VIX futures exhibit significantly lower volatility than cash VIX, with deferred months having a lower volatility than the front contract month. VIX futures have a risk premium in excess of that found in the calculation of cash VIX relative to the realized volatility of the S&P 500. The size of this risk premium is large, with the front (second) month futures underperforming cash VIX by 4% (1%) per month. While VIX futures maintain the ability to hedge higher moments exposures of short volatility investments in equity and hedge funds, the cost of using VIX futures to hedge can be prohibitively expensive.
Over 70% of the returns to single manager hedge funds can be explained by capital markets factors. After the LTCM incident in 1998, neither funds of funds or single manager returns are market neutral. After accounting for the additional layer of fees, fund of funds investments underperform investments in a portfolio of single strategy hedge fund managers.

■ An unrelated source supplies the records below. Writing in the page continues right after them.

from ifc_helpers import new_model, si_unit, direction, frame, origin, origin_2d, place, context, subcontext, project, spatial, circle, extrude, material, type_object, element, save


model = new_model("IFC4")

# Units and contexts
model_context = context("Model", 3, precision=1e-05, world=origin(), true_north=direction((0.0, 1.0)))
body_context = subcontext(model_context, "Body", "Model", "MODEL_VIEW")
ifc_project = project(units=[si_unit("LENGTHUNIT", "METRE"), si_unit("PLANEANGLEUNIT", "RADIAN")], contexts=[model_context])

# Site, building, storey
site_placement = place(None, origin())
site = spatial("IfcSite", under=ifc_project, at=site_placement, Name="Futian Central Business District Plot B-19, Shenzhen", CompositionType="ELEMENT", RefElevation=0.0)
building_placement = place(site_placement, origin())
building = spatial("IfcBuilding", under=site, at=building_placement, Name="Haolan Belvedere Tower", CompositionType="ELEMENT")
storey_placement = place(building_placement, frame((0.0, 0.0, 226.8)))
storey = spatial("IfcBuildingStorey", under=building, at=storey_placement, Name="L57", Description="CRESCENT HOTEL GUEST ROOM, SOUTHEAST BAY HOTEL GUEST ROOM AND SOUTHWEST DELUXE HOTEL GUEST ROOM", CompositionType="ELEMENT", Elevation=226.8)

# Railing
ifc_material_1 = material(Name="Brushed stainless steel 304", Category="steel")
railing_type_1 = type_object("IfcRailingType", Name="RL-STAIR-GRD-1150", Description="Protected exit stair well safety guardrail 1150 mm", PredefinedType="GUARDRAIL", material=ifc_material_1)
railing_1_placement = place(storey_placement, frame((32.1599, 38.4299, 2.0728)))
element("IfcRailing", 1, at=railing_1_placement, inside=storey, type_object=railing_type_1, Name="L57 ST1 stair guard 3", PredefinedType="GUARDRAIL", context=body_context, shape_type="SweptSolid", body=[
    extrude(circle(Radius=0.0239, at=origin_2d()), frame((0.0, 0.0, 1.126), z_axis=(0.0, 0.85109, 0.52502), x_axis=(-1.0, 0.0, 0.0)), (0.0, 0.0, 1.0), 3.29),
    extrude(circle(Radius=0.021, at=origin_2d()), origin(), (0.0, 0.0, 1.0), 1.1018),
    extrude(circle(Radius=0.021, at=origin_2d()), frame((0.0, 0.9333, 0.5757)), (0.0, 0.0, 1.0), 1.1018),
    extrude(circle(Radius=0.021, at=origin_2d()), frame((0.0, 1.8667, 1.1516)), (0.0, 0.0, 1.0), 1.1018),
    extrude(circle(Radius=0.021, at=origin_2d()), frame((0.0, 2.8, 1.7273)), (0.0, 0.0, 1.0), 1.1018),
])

Returns based style analysis for hedge funds starts with traditional market beta exposures, which explain over 70% of the variance in hedge fund returns from 1990 through 2009. Adding exotic beta factors and using a variable to explain leverage improves the portion of variance explained to over 81%. The addition of Credit Default Swaps (CDS) and lagged variables to explain smoothed returns increases the r-squared of the regression to over 91%. Using simple traditional market betas to evaluate hedge fund managers overstates the alpha. A unique application of CDS prices adds significant explanatory power to understanding hedge funds since 2001.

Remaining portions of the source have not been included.